[go: up one dir, main page]

This web page is dedicated to ÚFAL activities related to the Penn Discourse Treebank. For now, it gives information on:

Below we give instructions how to transform data of the Penn Treebank and the Penn Discourse Treebank into a PML format, in order to allow for querying the data in the PML-Tree Query. You need to have the tree editor TrEd installed, along with extensions for the PTB and the PDTB-2.0 (in TrEd, go to Setup->Manage Extensions->Get New Extensions, and search for ptb and pdtb2).

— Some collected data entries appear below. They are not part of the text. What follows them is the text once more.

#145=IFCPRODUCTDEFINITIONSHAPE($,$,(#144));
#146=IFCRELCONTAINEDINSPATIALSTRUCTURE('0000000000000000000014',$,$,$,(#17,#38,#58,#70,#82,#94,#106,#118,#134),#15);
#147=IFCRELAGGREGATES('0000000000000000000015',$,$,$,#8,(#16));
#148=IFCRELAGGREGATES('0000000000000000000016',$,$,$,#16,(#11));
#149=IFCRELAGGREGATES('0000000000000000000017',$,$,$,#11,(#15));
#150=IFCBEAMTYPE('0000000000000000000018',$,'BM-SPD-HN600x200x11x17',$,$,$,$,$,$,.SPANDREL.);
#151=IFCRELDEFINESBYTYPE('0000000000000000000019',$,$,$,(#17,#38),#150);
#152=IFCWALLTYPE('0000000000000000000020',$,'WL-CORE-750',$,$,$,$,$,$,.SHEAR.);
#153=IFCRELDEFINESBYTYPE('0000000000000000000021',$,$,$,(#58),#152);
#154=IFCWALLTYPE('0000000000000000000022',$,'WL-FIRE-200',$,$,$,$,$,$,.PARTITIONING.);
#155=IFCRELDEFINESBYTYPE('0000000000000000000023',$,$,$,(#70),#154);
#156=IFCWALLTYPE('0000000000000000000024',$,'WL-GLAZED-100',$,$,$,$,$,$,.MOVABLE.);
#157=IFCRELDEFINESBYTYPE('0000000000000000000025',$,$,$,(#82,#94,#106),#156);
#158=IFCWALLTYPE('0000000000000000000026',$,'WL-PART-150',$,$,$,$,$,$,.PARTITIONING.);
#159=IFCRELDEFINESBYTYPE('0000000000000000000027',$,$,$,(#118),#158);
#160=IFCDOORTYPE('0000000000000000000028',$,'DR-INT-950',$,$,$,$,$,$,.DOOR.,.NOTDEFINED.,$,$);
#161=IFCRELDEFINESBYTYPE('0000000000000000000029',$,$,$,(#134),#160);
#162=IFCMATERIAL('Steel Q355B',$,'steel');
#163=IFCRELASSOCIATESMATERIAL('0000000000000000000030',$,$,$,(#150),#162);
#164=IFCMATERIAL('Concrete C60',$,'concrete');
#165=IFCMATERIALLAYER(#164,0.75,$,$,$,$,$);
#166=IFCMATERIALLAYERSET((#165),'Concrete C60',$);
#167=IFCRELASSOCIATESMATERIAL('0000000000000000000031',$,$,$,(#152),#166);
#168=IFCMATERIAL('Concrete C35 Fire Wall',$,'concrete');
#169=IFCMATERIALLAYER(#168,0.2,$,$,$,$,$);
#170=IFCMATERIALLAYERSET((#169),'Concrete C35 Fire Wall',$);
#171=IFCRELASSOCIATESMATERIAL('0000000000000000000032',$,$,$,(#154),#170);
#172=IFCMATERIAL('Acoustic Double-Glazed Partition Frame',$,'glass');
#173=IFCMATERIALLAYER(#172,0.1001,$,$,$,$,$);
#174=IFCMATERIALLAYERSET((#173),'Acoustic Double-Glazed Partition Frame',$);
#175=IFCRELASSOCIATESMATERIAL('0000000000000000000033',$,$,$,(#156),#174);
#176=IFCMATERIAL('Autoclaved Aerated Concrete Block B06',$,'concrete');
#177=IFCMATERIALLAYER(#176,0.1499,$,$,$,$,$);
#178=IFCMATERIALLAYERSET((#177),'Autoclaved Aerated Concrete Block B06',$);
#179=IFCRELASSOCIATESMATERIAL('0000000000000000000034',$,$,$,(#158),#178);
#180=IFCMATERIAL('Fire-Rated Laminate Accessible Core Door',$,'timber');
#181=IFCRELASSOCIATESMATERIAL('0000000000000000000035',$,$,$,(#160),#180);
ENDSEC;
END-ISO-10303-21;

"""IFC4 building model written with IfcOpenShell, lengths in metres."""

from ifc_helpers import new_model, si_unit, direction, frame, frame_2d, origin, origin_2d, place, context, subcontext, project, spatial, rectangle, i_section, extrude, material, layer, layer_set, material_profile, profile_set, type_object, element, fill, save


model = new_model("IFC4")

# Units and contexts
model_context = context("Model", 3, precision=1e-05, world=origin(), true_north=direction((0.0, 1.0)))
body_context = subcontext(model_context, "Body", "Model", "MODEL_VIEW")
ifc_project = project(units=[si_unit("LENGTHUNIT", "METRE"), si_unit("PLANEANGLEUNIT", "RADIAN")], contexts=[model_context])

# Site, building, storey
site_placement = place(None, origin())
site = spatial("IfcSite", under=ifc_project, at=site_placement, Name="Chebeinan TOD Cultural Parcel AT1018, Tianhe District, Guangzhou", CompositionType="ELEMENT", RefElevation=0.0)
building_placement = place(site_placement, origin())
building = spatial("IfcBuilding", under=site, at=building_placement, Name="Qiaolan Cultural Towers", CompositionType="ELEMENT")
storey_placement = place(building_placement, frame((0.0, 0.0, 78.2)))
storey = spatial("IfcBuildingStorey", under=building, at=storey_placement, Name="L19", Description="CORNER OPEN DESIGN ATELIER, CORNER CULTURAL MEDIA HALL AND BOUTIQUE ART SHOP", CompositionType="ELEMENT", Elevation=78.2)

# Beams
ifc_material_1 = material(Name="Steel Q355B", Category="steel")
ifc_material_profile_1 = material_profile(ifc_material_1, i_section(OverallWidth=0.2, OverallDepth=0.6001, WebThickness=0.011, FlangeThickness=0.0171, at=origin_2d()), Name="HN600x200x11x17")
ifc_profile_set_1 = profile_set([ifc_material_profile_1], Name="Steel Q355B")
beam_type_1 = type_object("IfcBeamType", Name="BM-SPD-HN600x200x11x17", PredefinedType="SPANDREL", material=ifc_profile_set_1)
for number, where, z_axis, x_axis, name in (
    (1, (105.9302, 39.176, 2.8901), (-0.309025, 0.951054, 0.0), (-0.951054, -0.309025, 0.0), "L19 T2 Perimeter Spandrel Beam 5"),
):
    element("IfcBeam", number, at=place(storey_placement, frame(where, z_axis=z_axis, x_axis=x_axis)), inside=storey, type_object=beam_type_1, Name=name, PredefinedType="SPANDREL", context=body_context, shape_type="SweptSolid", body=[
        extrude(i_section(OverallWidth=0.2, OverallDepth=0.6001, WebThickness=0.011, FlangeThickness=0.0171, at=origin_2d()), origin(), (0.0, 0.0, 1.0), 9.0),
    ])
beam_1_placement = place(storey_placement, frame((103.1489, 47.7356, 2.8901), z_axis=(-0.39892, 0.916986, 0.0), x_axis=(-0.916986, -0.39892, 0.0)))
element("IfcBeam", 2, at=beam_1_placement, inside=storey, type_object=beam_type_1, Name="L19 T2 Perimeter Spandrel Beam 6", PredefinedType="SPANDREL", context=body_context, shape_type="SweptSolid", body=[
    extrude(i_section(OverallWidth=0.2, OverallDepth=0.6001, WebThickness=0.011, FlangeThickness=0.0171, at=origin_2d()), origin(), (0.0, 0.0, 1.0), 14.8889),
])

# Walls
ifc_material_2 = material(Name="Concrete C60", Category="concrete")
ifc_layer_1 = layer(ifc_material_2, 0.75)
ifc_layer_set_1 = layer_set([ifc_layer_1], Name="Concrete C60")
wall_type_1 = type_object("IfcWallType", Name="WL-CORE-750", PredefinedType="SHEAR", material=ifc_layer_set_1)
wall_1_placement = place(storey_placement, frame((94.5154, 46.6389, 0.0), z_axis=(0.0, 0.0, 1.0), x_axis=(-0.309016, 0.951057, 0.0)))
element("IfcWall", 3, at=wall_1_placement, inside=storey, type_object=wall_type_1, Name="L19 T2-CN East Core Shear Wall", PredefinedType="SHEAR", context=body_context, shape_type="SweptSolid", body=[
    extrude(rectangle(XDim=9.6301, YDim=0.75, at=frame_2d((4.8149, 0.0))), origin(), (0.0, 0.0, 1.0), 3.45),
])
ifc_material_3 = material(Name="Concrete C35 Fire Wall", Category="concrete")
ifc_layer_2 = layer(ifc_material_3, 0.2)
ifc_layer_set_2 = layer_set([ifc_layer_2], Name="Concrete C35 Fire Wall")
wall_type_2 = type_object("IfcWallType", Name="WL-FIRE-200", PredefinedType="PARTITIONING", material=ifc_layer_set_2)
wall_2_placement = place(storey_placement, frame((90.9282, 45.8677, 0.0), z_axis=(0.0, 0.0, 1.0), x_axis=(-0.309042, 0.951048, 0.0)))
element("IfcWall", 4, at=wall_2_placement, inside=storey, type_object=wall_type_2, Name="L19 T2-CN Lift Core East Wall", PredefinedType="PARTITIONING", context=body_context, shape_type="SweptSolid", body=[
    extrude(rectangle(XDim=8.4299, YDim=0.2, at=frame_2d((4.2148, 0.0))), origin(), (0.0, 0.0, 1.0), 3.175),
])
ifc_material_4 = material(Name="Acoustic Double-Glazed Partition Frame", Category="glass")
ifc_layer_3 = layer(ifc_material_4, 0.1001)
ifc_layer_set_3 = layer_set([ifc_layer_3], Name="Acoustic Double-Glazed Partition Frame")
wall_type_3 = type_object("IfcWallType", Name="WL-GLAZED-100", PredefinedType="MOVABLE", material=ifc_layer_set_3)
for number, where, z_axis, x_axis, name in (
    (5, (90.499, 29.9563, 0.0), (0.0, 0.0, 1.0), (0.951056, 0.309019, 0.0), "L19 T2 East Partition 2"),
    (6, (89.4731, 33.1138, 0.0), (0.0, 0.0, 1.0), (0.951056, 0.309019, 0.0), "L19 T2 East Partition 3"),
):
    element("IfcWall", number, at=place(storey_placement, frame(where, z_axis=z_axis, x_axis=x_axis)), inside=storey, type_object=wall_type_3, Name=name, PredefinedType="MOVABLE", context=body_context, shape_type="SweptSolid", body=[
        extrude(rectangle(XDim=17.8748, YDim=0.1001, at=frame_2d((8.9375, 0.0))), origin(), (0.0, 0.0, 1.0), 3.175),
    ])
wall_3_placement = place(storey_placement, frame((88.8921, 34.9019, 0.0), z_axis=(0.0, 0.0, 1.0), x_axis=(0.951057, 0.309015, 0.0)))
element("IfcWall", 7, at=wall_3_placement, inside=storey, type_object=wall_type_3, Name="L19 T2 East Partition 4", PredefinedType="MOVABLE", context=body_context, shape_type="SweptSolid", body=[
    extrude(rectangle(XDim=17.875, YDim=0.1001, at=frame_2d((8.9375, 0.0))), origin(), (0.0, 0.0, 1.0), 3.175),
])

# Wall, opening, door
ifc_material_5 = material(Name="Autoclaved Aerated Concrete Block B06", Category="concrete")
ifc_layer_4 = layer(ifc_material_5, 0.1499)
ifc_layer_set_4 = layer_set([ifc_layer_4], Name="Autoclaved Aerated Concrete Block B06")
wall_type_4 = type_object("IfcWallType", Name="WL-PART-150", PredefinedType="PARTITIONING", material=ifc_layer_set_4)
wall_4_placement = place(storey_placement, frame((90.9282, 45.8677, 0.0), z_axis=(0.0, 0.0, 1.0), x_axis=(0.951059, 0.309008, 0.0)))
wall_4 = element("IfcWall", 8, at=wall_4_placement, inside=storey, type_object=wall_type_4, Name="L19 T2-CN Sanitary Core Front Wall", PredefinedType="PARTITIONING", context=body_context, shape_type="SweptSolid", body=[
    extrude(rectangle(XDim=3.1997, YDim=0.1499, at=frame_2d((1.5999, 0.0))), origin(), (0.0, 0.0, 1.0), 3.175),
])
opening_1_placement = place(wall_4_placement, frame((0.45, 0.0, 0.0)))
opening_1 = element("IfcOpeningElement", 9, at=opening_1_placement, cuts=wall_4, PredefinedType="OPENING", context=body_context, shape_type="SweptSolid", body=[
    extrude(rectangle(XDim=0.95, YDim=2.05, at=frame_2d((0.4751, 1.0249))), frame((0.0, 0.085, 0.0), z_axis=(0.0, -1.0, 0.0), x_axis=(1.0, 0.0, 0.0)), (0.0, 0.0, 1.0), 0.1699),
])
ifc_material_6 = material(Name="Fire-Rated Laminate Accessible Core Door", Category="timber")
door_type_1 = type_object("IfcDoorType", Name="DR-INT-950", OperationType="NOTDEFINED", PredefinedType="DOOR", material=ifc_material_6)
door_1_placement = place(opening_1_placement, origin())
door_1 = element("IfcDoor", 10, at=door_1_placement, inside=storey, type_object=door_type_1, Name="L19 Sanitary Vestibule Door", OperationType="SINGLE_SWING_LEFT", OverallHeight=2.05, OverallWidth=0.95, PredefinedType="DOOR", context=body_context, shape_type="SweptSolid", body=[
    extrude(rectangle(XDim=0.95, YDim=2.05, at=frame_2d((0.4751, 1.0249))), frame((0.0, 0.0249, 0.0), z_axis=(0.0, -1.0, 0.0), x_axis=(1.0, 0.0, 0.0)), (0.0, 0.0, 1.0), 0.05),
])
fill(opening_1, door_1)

The transformation steps are:

  1. transformation of the PTB data into the PML format
    • The transformation script penn2pml.pl is a part of the ptb TrEd extension - a single file from the PTB, e.g. wsj_0001.mrg, can be transformed by:
      • penn2pml.pl wsj_0001.mrg
    • However, you do not need to use the script directly for individual files. Instead, you can go to the directory tools/01_PTB_to_PML of the pdtb2 TrEd extension, set the path to the original mrg/wsj data of the PTB in the Makefile, and run:
      • make transform
  2. transformation of the native PDTB format .pdtb into the COLUMN format
    • The transformation script convert.pl is a part of the original PDTB-2.0 distribution; a fixed version (correcting an error in the transformation of senses of AltLexes) is a part of the pdtb2 TrEd extension and the transformation itself is perfomed as a part of the next step.
  3. adding the data from the PDTB COLUMN format into the PTB files in the PML format
    • Transformation scripts are a part of the pdtb2 TrEd extension - in the directory tools/02_PDTB_to_PML-PTB, set the path to the original PDTB-2.0 distribution in the Makefile, and run:
      • make merge
  4. unifying non-terminals and terminals in a single node type
    • Transformation scripts are a part of the pdtb2 TrEd extension - in the directory tools/03_untype_nodes, run:
      • make untype
  5. adding information about genres of documents (optional)
    • Transformation scripts are a part of the pdtb2 TrEd extension - in the directory tools/04_add_genres, run:
      • make genres_ad
  6. adding redundancy to the files (optional)
    • Transformation scripts are a part of the pdtb2 TrEd extension - in the directory tools/05_add_redundancy, run:
      • make redundancy

After this transformation, you can open the data in the tree editor TrEd (the final data are in the directory tools/03_untype_nodes/data). To actually search in the data, you also need to install the TrEd extension for the PML-Tree Query (in TrEd, go to Setup->Manage Extensions->Get New Extensions, and search for pmltq).